Thursday, July 30, 2009

#30: The Murderer Vine by Shepard Rifkin

Slightly shady private eye is convinced to avenge the murder of several civil-rights workers in the deep South in Shepard Rifkin's sobering noir The Murderer Vine.

A long shadow is cast over the first few pages, leading relentlessly to a stark closing chapter that turns detective fiction on its cauliflower ear. Rifkin's private eye, fresh from the big city with his secretary in tow, finds the rural South and its supposed bumpkins a little harder to fathom than he thought. A lot of interesting political and social thought lifts the storytelling.

Rifkin has offered a fine, downbeat work, originally written in the 1970s and reprinted for the excellent Hard Case Crime line, a mix of pulp paperbacks featuring lost noirs and contemporary crime. This would probably be one of my favorites in the entire series, and I haven't missed many.

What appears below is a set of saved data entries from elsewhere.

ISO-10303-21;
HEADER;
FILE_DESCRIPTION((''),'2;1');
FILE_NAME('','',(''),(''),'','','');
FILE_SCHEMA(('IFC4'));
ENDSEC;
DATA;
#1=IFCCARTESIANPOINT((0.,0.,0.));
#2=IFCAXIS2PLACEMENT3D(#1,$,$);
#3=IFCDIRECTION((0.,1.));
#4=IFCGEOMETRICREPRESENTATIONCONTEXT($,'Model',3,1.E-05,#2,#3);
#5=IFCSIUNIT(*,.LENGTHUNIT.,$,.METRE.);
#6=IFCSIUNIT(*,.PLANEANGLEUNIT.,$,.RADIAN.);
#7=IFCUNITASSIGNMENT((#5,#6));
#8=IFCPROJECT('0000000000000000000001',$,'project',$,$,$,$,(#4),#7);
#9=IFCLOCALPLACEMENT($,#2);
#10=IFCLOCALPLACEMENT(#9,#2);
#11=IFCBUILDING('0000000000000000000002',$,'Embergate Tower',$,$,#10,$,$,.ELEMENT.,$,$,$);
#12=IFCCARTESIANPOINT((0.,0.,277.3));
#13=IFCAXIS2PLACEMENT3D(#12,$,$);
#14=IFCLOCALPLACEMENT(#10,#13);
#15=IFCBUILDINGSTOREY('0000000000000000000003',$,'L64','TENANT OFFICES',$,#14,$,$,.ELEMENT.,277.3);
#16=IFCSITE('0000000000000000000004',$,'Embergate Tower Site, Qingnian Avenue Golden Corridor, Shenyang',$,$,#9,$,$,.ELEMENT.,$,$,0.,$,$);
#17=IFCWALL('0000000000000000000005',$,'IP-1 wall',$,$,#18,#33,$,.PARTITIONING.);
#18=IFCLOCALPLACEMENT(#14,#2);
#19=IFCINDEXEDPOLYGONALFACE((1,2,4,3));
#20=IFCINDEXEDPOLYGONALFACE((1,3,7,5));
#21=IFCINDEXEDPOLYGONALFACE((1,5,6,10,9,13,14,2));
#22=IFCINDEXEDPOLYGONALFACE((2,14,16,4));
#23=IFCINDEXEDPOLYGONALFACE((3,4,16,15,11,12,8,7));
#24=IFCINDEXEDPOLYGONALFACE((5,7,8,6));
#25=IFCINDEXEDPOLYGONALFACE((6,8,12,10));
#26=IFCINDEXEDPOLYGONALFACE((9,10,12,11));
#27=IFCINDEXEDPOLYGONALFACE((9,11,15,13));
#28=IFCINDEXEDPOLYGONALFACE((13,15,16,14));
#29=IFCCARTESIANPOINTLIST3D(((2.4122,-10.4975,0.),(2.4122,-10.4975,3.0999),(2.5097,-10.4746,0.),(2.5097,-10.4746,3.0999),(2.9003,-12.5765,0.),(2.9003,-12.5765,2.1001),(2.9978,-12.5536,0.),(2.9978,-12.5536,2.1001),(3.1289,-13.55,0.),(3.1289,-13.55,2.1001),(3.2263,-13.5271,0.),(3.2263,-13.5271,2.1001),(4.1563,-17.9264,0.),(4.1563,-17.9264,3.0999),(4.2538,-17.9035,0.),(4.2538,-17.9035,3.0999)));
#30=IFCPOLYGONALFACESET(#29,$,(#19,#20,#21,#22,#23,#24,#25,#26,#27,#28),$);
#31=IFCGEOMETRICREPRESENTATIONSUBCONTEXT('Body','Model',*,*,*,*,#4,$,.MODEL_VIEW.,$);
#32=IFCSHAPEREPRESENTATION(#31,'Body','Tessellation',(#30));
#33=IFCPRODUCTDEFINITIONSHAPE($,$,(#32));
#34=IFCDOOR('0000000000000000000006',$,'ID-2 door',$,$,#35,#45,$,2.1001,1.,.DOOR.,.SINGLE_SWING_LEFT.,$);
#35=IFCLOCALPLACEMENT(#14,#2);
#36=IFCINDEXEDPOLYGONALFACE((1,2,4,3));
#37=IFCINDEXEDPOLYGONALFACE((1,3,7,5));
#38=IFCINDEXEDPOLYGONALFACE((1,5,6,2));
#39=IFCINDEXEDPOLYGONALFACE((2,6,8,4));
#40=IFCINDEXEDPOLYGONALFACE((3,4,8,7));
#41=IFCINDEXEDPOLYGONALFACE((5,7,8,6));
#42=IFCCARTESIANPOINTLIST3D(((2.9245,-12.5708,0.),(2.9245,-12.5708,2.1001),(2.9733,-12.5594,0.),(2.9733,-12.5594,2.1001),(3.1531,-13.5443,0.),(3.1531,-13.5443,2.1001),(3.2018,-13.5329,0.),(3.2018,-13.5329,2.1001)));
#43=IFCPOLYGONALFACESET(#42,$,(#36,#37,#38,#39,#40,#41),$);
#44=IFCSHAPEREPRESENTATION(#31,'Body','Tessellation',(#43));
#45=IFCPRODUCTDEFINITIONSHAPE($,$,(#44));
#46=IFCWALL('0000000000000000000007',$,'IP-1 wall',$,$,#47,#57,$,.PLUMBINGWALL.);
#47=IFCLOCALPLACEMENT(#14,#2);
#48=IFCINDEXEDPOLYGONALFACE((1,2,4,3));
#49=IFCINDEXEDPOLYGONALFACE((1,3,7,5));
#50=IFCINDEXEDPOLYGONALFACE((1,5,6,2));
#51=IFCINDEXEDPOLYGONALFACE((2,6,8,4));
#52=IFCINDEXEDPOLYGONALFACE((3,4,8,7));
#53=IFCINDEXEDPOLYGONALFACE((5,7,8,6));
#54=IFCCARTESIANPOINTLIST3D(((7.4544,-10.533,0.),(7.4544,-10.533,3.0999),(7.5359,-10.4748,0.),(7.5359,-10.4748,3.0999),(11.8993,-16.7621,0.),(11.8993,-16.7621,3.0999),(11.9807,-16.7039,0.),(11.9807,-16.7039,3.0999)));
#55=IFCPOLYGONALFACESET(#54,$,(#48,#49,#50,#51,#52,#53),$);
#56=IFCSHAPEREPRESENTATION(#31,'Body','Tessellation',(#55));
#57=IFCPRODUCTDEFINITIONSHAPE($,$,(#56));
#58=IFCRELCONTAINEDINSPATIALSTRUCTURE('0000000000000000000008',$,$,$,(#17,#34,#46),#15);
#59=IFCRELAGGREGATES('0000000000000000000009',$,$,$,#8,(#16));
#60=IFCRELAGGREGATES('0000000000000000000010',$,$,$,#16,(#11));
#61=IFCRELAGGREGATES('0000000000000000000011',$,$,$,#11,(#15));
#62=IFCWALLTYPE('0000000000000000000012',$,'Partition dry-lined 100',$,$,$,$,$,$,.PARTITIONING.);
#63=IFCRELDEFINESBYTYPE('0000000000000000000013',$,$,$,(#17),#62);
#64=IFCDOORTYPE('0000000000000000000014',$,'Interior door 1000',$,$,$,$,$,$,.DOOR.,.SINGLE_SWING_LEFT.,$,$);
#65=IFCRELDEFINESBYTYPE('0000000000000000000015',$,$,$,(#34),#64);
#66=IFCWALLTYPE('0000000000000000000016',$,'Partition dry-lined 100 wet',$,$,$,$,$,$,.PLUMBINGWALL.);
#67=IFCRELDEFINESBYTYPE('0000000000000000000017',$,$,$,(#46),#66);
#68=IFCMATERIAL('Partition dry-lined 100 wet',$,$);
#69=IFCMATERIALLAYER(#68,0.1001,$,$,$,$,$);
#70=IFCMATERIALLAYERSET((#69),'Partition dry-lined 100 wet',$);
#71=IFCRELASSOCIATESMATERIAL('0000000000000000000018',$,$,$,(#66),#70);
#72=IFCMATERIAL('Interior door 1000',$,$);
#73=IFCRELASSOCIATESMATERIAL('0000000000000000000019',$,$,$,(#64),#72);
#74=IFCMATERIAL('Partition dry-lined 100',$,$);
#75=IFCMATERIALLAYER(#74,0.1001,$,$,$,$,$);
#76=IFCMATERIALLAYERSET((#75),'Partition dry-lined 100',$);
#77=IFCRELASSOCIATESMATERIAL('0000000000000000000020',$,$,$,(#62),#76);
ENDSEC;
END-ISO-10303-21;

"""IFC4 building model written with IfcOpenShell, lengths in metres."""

from ifc_helpers import new_model, si_unit, direction, frame, frame_2d, origin, place, context, subcontext, project, spatial, rectangle, extrude, source, transform, mapped, material, layer, layer_set, type_object, element, fill, save


model = new_model("IFC4")

# Units and contexts
model_context = context("Model", 3, precision=1e-05, world=origin(), true_north=direction((0.0, 1.0)))
body_context = subcontext(model_context, "Body", "Model", "MODEL_VIEW")
ifc_project = project(units=[si_unit("LENGTHUNIT", "METRE"), si_unit("PLANEANGLEUNIT", "RADIAN")], contexts=[model_context])

# Site, building, storey
site_placement = place(None, origin())
site = spatial("IfcSite", under=ifc_project, at=site_placement, Name="Embergate Tower Site, Qingnian Avenue Golden Corridor, Shenyang", CompositionType="ELEMENT", RefElevation=0.0)
building_placement = place(site_placement, origin())
building = spatial("IfcBuilding", under=site, at=building_placement, Name="Embergate Tower", CompositionType="ELEMENT")
storey_placement = place(building_placement, frame((0.0, 0.0, 277.3)))
storey = spatial("IfcBuildingStorey", under=building, at=storey_placement, Name="L64", Description="TENANT OFFICES", CompositionType="ELEMENT", Elevation=277.3)

# Shared definitions
ifc_material_1 = material(Name="Partition dry-lined 100 wet")
ifc_layer_1 = layer(ifc_material_1, 0.1001)
ifc_layer_set_1 = layer_set([ifc_layer_1], Name="Partition dry-lined 100 wet")
wall_type_1 = type_object("IfcWallType", Name="Partition dry-lined 100 wet", PredefinedType="PLUMBINGWALL", material=ifc_layer_set_1)

# Shared definitions
ifc_material_2 = material(Name="Interior door 1000")
door_type_1 = type_object("IfcDoorType", Name="Interior door 1000", OperationType="SINGLE_SWING_LEFT", PredefinedType="DOOR", material=ifc_material_2)
shared_shape_1 = source(origin(), body_context, "Body", "SweptSolid", [
    extrude(rectangle(XDim=1.0, YDim=2.1001, at=frame_2d((0.5, 1.05))), frame((0.0, 0.0249, 0.0), z_axis=(0.0, -1.0, 0.0), x_axis=(1.0, 0.0, 0.0)), (0.0, 0.0, 1.0), 0.05),
])

# Shared definitions
ifc_material_3 = material(Name="Partition dry-lined 100")
ifc_layer_2 = layer(ifc_material_3, 0.1001)
ifc_layer_set_2 = layer_set([ifc_layer_2], Name="Partition dry-lined 100")
wall_type_2 = type_object("IfcWallType", Name="Partition dry-lined 100", PredefinedType="PARTITIONING", material=ifc_layer_set_2)

# Wall, opening, door
shared_shape_2 = source(origin(), body_context, "Body", "SweptSolid", [
    extrude(rectangle(XDim=7.6309, YDim=0.1001, at=frame_2d((3.8154, 0.0))), origin(), (0.0, 0.0, 1.0), 3.0999),
])
wall_1_placement = place(storey_placement, frame((2.4609, -10.4861, 0.0), z_axis=(0.0, 0.0, 1.0), x_axis=(0.228561, -0.97353, 0.0)))
wall_1 = element("IfcWall", 1, at=wall_1_placement, inside=storey, type_object=wall_type_2, Name="IP-1 wall", PredefinedType="PARTITIONING", context=body_context, shape_type="MappedRepresentation", body=[
    mapped(shared_shape_2, transform((0.0, 0.0, 0.0))),
])
shared_shape_3 = source(origin(), body_context, "Body", "SweptSolid", [
    extrude(rectangle(XDim=1.0, YDim=2.1001, at=frame_2d((0.5, 1.05))), frame((0.0, 0.0601, 0.0), z_axis=(0.0, -1.0, 0.0), x_axis=(1.0, 0.0, 0.0)), (0.0, 0.0, 1.0), 0.1201),
])
opening_1_placement = place(wall_1_placement, frame((2.1355, 0.0, 0.0)))
opening_1 = element("IfcOpeningElement", 2, at=opening_1_placement, cuts=wall_1, PredefinedType="OPENING", context=body_context, shape_type="MappedRepresentation", body=[
    mapped(shared_shape_3, transform((0.0, 0.0, 0.0))),
])
door_1_placement = place(opening_1_placement, origin())
door_1 = element("IfcDoor", 3, at=door_1_placement, inside=storey, type_object=door_type_1, Name="ID-2 door", OperationType="SINGLE_SWING_LEFT", OverallHeight=2.1001, OverallWidth=1.0, PredefinedType="DOOR", context=body_context, shape_type="MappedRepresentation", body=[
    mapped(shared_shape_1, transform((0.0, 0.0, 0.0))),
])
fill(opening_1, door_1)

# Wall
shared_shape_4 = source(origin(), body_context, "Body", "SweptSolid", [
    extrude(rectangle(XDim=7.6523, YDim=0.1001, at=frame_2d((3.8262, 0.0))), origin(), (0.0, 0.0, 1.0), 3.0999),
])
wall_2_placement = place(storey_placement, frame((7.4951, -10.5039, 0.0), z_axis=(0.0, 0.0, 1.0), x_axis=(0.580852, -0.814009, 0.0)))
element("IfcWall", 4, at=wall_2_placement, inside=storey, type_object=wall_type_1, Name="IP-1 wall", PredefinedType="PLUMBINGWALL", context=body_context, shape_type="MappedRepresentation", body=[
    mapped(shared_shape_4, transform((0.0, 0.0, 0.0))),
])

save(model, "model.ifc")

I read this one on my lovely Kindle and was one of the first three books I bought for this device. Recommended.

Wednesday, July 29, 2009

#29: Two-Way Split by Allan Guthrie

A mentally unbalanced trio of thieves inadvertently cross paths with an ex-con trying to go straight(ish) and a crooked(ish) private eye in Allan Guthrie's crisp caper novel Two-Way Split.

Guthrie name-checks old-school noir but adds his own touches of blunt humor and quirky characters. The Edinburgh setting adds interest and is also the location of another crackling crime drama from Guthrie that I read last year, Kiss Her Goodbye, which features some of the same characters.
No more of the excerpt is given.